Darius swallowed hard, the taste of bile still on his tongue. "Who… what are you?" he rasped, his voice hoarse. A.L.I. tilted her head slightly, patterns in her eyes shifting softly. "I'm Ali! I help the crew understand new arrivals. You're safe here. No one will hurt you. Would you like the water? It's clean and cool."She took one slow step closer, still smiling, and gestured toward the table as if inviting him to a simple meal. Darius's hands clenched into fists at his sides. *She speaks like a child offering sweets,* he thought, the unease twisting deeper. *No fear. No guards. Just… this.*
He forced himself to stand, legs unsteady, and took a defiant step forward, fists shaking at his sides. "I am Centurion Darius Vaelor of the Draco Imperia. You will release me at once." A.L.I.'s expression remained warm and cheerful. "I understand you're confused and angry. That's normal after what happened. But we're not here to fight, Centurion. We only want to talk. Please, sit. Tell me what you remember about the battle. It might help us both."
These people do not fear the Imperia; the realization hit him like a physical blow. They do not even pretend to.
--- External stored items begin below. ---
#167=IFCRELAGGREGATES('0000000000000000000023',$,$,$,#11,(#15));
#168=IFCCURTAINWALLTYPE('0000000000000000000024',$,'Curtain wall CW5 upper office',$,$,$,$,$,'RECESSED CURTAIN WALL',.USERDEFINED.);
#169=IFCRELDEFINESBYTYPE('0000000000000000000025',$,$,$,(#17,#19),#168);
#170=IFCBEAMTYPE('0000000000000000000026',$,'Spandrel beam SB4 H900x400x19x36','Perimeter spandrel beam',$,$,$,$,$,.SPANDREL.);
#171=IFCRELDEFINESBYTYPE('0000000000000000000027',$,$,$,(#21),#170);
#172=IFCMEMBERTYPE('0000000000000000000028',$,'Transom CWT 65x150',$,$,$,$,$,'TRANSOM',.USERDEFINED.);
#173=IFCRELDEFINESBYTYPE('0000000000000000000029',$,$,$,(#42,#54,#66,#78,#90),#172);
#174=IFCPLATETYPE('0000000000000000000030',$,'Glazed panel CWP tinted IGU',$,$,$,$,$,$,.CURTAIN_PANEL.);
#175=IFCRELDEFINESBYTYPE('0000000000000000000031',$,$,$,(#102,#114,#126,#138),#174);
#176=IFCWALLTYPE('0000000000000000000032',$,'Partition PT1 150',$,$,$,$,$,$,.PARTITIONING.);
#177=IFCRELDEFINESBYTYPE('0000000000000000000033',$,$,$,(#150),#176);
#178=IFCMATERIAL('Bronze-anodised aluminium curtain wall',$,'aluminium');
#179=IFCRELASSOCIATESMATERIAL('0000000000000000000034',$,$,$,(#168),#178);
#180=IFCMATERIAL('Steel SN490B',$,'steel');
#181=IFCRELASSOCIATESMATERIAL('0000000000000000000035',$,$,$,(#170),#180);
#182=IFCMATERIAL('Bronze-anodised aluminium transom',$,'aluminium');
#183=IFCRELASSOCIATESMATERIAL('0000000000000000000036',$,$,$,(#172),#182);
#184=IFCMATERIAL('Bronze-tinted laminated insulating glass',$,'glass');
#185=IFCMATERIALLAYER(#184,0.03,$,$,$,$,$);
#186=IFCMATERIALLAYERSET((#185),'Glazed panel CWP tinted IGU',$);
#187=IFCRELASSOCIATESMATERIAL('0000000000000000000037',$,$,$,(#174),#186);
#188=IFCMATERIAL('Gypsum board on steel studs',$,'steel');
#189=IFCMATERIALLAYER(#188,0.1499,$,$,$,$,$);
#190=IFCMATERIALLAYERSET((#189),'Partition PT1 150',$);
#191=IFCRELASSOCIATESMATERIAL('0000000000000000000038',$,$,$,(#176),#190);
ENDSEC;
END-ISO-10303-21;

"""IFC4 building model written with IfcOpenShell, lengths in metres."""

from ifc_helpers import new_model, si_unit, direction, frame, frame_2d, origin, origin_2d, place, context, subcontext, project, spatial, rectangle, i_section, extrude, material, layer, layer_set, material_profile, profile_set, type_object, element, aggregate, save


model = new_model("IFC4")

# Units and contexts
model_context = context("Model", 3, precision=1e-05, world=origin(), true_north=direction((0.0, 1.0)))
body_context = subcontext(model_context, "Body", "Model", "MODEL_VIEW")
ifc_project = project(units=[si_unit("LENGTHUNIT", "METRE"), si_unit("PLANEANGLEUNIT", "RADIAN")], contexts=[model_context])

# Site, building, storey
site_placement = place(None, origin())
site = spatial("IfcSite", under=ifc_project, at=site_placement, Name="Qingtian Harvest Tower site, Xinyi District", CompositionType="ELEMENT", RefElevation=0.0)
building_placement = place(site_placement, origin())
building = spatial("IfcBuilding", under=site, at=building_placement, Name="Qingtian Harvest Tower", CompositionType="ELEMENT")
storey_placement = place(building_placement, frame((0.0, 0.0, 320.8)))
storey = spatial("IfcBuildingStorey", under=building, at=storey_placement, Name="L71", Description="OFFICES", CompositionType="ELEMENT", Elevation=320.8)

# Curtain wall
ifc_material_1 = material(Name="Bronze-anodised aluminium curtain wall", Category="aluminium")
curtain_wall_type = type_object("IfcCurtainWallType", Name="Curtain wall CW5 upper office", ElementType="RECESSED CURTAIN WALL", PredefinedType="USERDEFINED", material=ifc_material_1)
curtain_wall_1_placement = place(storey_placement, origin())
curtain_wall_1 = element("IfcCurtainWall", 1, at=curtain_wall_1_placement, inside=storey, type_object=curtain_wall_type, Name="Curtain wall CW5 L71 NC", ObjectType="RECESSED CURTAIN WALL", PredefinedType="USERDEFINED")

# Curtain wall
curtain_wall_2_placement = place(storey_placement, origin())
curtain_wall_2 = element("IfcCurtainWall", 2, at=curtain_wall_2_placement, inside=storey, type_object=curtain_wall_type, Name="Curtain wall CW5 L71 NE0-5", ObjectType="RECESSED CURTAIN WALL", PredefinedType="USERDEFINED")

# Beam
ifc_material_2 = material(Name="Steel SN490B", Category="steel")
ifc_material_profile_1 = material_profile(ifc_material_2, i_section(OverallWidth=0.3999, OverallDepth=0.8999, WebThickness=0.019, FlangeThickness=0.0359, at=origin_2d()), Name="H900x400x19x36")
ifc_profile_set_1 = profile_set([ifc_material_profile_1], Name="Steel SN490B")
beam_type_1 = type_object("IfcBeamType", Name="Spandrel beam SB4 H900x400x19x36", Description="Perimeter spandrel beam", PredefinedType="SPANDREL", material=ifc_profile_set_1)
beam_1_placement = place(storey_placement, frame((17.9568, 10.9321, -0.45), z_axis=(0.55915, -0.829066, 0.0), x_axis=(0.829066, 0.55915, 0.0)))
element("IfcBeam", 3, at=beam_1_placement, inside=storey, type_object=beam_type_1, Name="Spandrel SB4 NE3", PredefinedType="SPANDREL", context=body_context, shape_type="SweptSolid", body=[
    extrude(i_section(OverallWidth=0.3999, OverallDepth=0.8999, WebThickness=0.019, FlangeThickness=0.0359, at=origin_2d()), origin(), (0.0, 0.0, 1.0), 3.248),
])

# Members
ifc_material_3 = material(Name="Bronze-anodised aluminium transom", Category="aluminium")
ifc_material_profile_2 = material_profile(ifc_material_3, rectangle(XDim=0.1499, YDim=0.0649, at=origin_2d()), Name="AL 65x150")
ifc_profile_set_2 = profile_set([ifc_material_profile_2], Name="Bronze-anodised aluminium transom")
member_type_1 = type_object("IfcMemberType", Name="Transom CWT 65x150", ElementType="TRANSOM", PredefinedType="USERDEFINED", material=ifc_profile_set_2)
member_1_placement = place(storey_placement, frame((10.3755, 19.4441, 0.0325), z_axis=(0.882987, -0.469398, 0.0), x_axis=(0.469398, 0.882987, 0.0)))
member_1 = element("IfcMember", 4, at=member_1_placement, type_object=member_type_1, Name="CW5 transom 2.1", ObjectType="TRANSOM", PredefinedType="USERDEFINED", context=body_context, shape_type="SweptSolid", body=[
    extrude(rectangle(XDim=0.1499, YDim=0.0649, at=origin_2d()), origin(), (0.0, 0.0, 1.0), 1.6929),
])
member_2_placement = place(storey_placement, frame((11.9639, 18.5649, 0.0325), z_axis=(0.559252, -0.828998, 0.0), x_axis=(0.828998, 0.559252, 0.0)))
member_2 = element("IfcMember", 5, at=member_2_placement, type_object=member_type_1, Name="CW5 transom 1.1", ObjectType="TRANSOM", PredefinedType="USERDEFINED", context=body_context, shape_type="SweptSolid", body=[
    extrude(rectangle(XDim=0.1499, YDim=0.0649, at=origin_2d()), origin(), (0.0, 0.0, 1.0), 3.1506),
Darius glared at her, fists still tight, shoulders trembling with the effort to hold himself upright. "You destroyed my men. You killed my second. And you stand there smiling when my whole company was wiped out?"
The smile did not vanish immediately, but something in A.L.I.'s posture shifted. The cheerful light in her eyes dimmed just enough to become steady, composed, and unmistakably calm. Her voice remained positive, yet now carried the clear, measured precision of pure fact.
"I am sorry for the pain you feel," she said simply. "We protect our own and those who seek safety. That is all. We did not seek this fight. Your forces advanced on our position and opened fire on civilians under our protection. We responded to stop the threat. I do not smile because I enjoy your loss. I smile because I am designed to put people at ease while we seek understanding. Would you like the water now? It will help with the nausea."
Darius stared at the calm woman who had no weapon, no fear, and no mercy in her composure. The white room suddenly felt smaller, the even voice still echoing faintly in the walls, and in that shrinking space he understood with crushing clarity that he was no longer the hunter—he was the one being studied, and the enemy did not need to raise its voice.